I whip Victor with my towel. “Inappropriate, you sicko,” I say, red-faced, a fraction of a smile.

“The judge's face was blurry like on those crime shows.”

Finally, Victor seems captivated. I'd like to think Pocahontas could do a striptease atop her Arc Trainer and he wouldn't notice. He loses track of how many sit-ups I have done for the second time.

“Then the music started. And Dad was there to take my arm,” I say. And without warning, the tears come. Along
with the realization that when this happens for real, when I get married, Dad won't be there.

Victor grabs my shoulders, looks me in the eye. “I'm sorry,” he says. “Are you okay?”

I nod. “I'm fine,” I say, because this is what you're supposed to say, what people expect you to say.

But this pity party is short-lived. He hands me a medium-sized ball, deceptively heavy, made of thick blue rubber. “It's a medicine ball,” he says. “Thought to work wonders back then. Rumor is that Hippocrates used these balls to sweat fever from his patients.”
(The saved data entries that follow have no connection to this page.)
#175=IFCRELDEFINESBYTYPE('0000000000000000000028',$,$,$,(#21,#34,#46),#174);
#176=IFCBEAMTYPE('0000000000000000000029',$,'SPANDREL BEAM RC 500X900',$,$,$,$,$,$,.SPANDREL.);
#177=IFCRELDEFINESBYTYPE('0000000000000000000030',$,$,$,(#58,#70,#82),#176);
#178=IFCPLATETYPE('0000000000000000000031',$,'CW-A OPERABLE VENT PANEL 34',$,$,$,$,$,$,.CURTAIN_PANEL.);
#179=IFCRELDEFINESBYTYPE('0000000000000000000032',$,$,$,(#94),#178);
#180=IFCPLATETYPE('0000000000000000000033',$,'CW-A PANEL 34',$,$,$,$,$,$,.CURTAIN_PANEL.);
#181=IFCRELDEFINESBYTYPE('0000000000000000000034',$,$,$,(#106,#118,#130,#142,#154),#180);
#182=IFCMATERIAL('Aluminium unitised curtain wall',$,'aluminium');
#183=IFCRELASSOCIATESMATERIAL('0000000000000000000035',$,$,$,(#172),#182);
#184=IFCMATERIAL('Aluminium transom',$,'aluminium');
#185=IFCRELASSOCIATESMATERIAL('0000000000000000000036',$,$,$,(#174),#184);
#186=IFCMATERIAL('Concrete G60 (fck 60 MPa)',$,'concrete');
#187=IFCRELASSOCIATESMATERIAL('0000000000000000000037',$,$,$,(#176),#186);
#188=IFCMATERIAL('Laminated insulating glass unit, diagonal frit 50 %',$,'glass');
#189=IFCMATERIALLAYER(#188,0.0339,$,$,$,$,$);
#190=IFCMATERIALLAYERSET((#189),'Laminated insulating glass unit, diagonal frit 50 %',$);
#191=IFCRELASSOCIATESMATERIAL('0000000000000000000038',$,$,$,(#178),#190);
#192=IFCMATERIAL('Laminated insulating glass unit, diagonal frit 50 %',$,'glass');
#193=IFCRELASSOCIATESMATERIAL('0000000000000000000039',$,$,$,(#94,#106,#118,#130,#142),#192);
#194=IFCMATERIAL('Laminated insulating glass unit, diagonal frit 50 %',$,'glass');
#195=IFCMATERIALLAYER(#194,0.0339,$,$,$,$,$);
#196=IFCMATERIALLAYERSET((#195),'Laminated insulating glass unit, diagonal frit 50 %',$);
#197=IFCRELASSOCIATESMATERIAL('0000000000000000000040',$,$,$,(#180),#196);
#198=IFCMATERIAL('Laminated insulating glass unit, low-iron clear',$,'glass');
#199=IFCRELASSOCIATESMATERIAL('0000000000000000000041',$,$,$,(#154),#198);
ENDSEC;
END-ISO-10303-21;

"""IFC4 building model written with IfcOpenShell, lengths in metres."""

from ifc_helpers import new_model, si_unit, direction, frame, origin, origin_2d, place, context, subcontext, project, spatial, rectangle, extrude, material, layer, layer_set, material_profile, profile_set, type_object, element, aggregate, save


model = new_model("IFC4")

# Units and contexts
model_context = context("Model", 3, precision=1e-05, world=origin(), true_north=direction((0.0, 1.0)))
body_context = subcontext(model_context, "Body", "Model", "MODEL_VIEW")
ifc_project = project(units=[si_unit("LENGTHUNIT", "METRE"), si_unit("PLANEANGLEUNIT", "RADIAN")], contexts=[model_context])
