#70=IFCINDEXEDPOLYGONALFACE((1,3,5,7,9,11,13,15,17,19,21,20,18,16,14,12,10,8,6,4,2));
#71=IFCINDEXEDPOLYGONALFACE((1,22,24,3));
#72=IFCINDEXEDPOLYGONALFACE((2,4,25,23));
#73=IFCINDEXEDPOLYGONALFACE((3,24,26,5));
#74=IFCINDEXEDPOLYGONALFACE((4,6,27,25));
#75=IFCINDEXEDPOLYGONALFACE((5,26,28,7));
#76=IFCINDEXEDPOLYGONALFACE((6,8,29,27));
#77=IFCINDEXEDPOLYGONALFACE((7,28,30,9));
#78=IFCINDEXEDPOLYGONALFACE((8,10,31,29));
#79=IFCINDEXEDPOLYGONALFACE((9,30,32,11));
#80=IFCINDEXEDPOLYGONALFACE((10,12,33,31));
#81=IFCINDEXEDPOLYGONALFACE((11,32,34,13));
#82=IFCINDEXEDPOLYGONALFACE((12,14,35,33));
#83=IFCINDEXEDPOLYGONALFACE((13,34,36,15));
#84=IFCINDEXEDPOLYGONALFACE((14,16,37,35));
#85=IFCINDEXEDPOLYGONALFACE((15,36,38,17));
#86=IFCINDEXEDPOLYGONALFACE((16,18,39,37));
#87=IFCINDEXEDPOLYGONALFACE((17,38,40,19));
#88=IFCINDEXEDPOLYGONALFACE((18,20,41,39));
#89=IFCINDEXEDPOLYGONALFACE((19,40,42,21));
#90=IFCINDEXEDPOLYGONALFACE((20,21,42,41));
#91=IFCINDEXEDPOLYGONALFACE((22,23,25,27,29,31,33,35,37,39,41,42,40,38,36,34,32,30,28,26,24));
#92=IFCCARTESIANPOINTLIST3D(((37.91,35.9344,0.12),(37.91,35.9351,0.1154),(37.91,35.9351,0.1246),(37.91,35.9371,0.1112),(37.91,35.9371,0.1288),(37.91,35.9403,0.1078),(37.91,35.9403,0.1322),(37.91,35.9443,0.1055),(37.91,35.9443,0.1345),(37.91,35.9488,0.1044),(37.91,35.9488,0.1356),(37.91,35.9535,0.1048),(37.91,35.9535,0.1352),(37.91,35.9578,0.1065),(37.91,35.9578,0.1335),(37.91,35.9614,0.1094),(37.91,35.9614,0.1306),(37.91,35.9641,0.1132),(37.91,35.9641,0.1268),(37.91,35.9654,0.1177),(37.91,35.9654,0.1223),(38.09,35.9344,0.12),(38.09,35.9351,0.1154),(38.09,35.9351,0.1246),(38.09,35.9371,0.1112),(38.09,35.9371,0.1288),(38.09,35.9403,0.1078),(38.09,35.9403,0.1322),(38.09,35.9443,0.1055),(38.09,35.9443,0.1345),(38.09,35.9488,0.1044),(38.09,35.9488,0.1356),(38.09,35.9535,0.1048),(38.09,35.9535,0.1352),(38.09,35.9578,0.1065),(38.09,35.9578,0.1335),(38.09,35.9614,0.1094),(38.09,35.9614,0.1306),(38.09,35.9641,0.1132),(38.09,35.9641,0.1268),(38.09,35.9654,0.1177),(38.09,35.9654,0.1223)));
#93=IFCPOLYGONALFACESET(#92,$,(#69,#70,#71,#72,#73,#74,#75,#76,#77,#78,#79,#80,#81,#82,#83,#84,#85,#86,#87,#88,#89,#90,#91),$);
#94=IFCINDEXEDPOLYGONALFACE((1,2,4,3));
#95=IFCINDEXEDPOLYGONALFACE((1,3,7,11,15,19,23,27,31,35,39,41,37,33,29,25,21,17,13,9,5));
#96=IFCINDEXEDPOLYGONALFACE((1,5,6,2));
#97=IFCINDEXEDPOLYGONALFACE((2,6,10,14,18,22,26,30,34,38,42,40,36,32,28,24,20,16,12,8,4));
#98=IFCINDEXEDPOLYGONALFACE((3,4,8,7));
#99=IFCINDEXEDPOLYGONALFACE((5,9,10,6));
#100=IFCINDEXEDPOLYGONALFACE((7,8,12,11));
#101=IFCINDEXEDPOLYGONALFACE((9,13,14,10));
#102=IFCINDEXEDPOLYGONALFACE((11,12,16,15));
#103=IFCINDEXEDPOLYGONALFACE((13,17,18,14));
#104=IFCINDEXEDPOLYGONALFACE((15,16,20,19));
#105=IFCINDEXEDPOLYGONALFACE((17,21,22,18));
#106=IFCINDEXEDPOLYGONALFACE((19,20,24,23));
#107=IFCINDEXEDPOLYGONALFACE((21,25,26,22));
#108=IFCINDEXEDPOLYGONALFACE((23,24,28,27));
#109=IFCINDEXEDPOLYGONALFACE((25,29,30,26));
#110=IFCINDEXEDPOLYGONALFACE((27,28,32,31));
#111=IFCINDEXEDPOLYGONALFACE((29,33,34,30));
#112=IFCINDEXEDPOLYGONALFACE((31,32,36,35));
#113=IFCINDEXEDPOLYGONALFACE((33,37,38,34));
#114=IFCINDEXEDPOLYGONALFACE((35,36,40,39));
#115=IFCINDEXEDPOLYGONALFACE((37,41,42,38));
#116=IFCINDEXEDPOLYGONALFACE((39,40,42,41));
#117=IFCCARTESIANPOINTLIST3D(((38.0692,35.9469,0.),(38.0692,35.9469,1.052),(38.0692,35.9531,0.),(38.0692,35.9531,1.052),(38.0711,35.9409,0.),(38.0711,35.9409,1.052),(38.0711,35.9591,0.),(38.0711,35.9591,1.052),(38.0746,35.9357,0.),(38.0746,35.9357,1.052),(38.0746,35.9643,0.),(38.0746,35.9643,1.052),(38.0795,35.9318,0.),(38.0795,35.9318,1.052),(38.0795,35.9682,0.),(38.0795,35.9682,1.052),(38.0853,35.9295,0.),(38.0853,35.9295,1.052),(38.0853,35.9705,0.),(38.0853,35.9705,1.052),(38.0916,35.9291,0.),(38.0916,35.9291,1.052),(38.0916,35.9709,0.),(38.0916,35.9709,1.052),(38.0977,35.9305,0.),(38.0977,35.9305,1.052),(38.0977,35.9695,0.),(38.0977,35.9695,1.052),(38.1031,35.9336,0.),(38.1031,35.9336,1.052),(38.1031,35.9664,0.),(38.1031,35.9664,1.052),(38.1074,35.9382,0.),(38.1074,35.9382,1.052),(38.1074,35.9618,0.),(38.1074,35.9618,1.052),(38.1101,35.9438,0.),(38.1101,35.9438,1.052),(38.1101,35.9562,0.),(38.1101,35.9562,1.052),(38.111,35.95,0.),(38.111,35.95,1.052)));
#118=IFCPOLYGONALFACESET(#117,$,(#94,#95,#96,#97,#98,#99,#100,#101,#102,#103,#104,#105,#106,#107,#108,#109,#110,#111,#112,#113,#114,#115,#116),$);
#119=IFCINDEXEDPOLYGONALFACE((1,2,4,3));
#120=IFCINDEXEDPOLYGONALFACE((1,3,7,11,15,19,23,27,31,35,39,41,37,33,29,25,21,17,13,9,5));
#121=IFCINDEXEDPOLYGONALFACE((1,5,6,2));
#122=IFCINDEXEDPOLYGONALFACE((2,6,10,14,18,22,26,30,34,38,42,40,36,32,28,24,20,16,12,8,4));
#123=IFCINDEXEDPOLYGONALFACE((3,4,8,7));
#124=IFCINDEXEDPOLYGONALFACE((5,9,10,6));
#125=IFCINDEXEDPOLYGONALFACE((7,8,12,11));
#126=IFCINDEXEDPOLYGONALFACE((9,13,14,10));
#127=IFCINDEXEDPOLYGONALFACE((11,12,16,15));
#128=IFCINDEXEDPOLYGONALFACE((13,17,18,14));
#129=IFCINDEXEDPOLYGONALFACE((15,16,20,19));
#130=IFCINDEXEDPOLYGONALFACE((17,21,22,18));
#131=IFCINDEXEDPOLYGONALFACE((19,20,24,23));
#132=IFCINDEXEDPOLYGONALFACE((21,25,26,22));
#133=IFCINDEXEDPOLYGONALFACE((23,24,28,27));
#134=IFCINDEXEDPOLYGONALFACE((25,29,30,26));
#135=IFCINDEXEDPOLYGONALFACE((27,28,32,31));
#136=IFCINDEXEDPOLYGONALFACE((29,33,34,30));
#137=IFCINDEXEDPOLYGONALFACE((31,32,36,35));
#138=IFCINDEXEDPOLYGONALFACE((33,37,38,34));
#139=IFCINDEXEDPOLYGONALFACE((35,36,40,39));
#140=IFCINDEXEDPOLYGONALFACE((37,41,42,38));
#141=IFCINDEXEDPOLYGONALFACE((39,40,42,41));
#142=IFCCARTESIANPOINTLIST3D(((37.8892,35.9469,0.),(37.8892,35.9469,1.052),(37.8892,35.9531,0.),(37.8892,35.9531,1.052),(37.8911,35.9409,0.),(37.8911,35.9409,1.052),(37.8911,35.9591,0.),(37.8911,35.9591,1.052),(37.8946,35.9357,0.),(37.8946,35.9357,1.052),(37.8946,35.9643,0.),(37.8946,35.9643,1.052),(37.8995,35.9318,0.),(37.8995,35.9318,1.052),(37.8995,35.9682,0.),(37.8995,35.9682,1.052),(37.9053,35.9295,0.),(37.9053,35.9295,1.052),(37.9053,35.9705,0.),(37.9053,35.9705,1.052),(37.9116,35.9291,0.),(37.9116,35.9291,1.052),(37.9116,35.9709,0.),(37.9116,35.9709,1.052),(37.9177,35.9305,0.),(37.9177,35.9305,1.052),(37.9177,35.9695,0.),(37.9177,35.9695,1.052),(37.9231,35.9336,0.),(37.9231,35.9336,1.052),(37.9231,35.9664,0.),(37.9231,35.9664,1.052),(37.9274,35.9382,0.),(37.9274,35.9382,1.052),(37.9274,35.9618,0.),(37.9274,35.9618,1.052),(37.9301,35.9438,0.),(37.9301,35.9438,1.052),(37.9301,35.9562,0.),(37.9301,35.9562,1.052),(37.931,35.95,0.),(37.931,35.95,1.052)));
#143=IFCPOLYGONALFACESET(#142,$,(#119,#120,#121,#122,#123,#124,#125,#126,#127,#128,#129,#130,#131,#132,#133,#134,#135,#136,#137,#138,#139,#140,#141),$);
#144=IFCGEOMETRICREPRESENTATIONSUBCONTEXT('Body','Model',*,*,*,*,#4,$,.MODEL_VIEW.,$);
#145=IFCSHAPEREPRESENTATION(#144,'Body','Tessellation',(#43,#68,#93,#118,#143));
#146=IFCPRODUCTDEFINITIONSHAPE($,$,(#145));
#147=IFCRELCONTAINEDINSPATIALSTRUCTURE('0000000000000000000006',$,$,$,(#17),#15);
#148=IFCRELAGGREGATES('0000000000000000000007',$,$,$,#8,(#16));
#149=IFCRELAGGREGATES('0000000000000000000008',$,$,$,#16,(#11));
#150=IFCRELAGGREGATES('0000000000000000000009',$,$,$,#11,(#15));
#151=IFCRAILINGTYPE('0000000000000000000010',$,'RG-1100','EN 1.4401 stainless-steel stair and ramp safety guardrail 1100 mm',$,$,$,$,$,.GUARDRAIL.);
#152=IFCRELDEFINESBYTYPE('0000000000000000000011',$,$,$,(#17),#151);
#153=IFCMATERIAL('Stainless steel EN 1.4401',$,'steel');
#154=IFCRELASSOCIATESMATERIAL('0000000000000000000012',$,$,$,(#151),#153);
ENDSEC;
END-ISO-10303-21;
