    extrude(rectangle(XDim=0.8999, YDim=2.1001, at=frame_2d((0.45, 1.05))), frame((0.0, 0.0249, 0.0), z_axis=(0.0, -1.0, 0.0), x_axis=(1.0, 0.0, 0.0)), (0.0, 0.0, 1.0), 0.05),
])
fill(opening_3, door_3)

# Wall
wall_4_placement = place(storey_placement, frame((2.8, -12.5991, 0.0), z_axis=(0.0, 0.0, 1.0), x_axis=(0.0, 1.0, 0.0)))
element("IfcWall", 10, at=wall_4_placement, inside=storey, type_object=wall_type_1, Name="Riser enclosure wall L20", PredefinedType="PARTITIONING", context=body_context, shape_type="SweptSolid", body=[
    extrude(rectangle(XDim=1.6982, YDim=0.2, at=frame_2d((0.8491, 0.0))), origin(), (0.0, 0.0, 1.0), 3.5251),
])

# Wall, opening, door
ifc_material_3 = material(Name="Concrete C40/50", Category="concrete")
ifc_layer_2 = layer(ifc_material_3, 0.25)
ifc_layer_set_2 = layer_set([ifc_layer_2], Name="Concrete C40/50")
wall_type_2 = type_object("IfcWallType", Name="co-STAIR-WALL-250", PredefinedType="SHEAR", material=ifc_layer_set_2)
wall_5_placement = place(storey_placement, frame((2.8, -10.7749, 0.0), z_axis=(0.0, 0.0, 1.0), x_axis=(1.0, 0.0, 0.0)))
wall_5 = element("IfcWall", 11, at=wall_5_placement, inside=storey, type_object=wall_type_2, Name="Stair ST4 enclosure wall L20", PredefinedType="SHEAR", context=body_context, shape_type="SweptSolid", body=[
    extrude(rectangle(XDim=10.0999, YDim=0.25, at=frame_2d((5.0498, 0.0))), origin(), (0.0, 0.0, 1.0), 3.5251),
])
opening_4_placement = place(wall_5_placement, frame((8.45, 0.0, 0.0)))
And I'm thankful for this timely diversion, this history lesson du jour from my trivia buff of a trainer. And I'm pleasantly surprised that he knows marginally sophisticated words like “benevolent” and how to pronounce “Hippocrates.” As if such knowledge is reserved for those of us with an Ivy degree (or two).

“A miracle worker?” I ask, twisting from side to side, holding the ball. “It can get rid of a fever, but can it banish belly fat?”

Victor smiles. “Sure thing.”

So, as quickly as those tears come, I've sent them away. “I'm sorry about before,” I say. “This isn't about Dad.”

In my dream, Dad wouldn't look at me. As if he was already gone from my life. As if I was already gone from his.

“There was a jury in the box. I saw Mom and Michael and
Nietzsche
. And guess who Mr. Friedrich Wilhelm Nietzsche was sitting next to? Britney Spears.”

“Hot couple,” Victor says, and I wonder whether he even knows who Nietzsche is.